The intestine was located on the middle-ventral left side of the body,
there are from 19 to 30 stomach folds. The gonads were tubular, with an
enclosing membrane, and were on the mantle. Specimens showed, in
general, two gonads at each side of the body, nevertheless, specimens
cv12 and cv16 presented two on the right side and one on the left side,
cv23 showed one gonad on each side and cv25 two gonads in the right
side. The distal end with gonoducts was directed toward the atrial
siphon (raw data in https://doi.org/10.1594/PANGAEA.909707).
The NMDS showed two groups among samples (Supplemental information, Fig.
S1). The two groups identified in the NMDS coincided with the specimens
genetically identified as group A and B in the genetic analyses.

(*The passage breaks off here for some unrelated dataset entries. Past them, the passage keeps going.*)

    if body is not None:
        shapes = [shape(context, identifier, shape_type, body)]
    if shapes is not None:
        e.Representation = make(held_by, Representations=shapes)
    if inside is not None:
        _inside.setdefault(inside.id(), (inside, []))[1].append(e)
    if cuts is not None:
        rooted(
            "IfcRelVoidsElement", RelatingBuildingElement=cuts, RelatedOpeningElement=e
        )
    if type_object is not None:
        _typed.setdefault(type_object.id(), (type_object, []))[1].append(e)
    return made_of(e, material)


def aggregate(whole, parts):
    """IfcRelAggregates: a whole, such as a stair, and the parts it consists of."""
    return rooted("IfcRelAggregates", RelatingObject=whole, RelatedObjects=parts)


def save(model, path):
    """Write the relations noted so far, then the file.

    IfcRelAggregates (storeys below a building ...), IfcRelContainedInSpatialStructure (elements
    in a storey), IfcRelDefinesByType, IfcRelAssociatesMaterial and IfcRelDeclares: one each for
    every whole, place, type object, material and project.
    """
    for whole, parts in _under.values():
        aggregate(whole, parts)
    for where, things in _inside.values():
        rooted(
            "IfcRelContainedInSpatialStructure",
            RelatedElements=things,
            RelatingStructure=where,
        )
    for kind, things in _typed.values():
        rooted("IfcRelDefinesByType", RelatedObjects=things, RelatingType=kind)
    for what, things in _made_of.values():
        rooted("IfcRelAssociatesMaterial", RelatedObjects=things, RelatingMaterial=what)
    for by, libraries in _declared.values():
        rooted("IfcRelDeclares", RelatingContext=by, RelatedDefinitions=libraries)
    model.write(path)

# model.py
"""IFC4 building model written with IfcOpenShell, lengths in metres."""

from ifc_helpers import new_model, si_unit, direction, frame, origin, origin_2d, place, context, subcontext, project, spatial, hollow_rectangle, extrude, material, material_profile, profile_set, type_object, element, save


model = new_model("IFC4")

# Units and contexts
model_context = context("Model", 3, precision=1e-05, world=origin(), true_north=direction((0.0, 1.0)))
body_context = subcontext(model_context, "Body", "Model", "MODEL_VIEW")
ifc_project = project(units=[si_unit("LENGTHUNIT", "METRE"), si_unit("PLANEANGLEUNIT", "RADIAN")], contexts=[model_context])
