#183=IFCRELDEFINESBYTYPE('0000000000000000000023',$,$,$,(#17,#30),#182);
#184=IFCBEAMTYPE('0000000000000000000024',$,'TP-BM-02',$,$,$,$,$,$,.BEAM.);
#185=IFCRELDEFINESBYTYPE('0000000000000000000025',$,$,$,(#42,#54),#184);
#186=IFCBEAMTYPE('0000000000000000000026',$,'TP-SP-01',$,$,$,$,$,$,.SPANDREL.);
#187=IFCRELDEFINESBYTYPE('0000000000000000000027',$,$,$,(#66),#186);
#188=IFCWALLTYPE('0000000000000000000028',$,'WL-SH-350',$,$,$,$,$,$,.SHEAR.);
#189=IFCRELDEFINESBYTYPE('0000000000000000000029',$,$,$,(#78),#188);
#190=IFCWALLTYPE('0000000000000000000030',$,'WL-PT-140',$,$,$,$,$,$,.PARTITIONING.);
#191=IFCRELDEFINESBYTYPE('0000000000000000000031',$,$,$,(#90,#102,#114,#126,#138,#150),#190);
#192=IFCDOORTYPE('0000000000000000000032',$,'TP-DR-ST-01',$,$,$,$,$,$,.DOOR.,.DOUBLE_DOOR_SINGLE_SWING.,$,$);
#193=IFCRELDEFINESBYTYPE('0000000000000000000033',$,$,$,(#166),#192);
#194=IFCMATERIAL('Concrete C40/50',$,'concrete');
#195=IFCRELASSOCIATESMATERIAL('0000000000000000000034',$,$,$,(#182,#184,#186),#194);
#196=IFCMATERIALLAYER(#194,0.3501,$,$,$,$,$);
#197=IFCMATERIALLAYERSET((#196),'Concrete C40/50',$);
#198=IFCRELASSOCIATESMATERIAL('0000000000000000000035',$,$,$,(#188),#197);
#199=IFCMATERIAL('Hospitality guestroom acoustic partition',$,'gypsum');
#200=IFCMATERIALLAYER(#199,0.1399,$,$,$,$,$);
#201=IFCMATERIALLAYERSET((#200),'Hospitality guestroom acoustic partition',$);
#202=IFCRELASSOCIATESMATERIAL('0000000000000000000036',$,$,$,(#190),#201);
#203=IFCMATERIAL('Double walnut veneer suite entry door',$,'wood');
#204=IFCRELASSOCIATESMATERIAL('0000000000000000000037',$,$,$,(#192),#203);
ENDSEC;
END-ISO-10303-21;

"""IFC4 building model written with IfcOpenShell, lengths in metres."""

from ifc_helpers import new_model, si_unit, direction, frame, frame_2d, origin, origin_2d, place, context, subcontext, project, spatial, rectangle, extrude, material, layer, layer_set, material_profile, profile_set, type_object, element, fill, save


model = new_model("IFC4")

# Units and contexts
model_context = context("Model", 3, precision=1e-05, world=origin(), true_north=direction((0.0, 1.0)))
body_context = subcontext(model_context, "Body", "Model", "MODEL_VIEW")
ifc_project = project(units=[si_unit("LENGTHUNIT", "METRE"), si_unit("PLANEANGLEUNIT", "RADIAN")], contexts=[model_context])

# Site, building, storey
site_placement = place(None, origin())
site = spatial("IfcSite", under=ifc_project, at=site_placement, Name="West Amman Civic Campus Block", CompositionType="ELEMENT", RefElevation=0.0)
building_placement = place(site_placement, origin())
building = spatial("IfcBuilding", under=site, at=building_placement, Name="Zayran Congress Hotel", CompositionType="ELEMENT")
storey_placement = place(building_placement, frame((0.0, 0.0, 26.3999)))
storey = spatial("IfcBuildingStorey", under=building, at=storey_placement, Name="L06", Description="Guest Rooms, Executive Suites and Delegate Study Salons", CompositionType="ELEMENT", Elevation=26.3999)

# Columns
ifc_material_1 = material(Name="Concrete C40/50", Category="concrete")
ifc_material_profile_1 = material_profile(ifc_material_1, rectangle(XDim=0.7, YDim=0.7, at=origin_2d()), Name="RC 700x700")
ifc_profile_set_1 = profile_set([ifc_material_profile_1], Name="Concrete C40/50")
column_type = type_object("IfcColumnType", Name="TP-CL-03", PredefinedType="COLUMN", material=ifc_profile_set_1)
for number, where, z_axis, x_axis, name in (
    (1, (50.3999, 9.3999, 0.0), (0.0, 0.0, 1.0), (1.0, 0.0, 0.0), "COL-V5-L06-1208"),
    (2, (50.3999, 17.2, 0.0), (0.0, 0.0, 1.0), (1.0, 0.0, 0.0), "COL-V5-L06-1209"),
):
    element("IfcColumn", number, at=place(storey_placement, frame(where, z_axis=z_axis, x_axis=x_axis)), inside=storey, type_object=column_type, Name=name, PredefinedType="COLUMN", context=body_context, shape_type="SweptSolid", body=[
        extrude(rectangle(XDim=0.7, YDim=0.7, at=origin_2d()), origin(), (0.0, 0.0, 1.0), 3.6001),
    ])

PERMANOVA revealed significant differences between the groups conformed
in NMDS analysis (F = 17.17; p = 0.0001). All specimens
from group B showed basal disc, while none of the specimens from group A
did. Almost all individuals from genetic group A had a single type of
wart, while the majority of the individuals from genetic group B had
both types of warts (conical and smooth). None of the other
morphological characters analysed in this study appeared to be
phylogenetically informative.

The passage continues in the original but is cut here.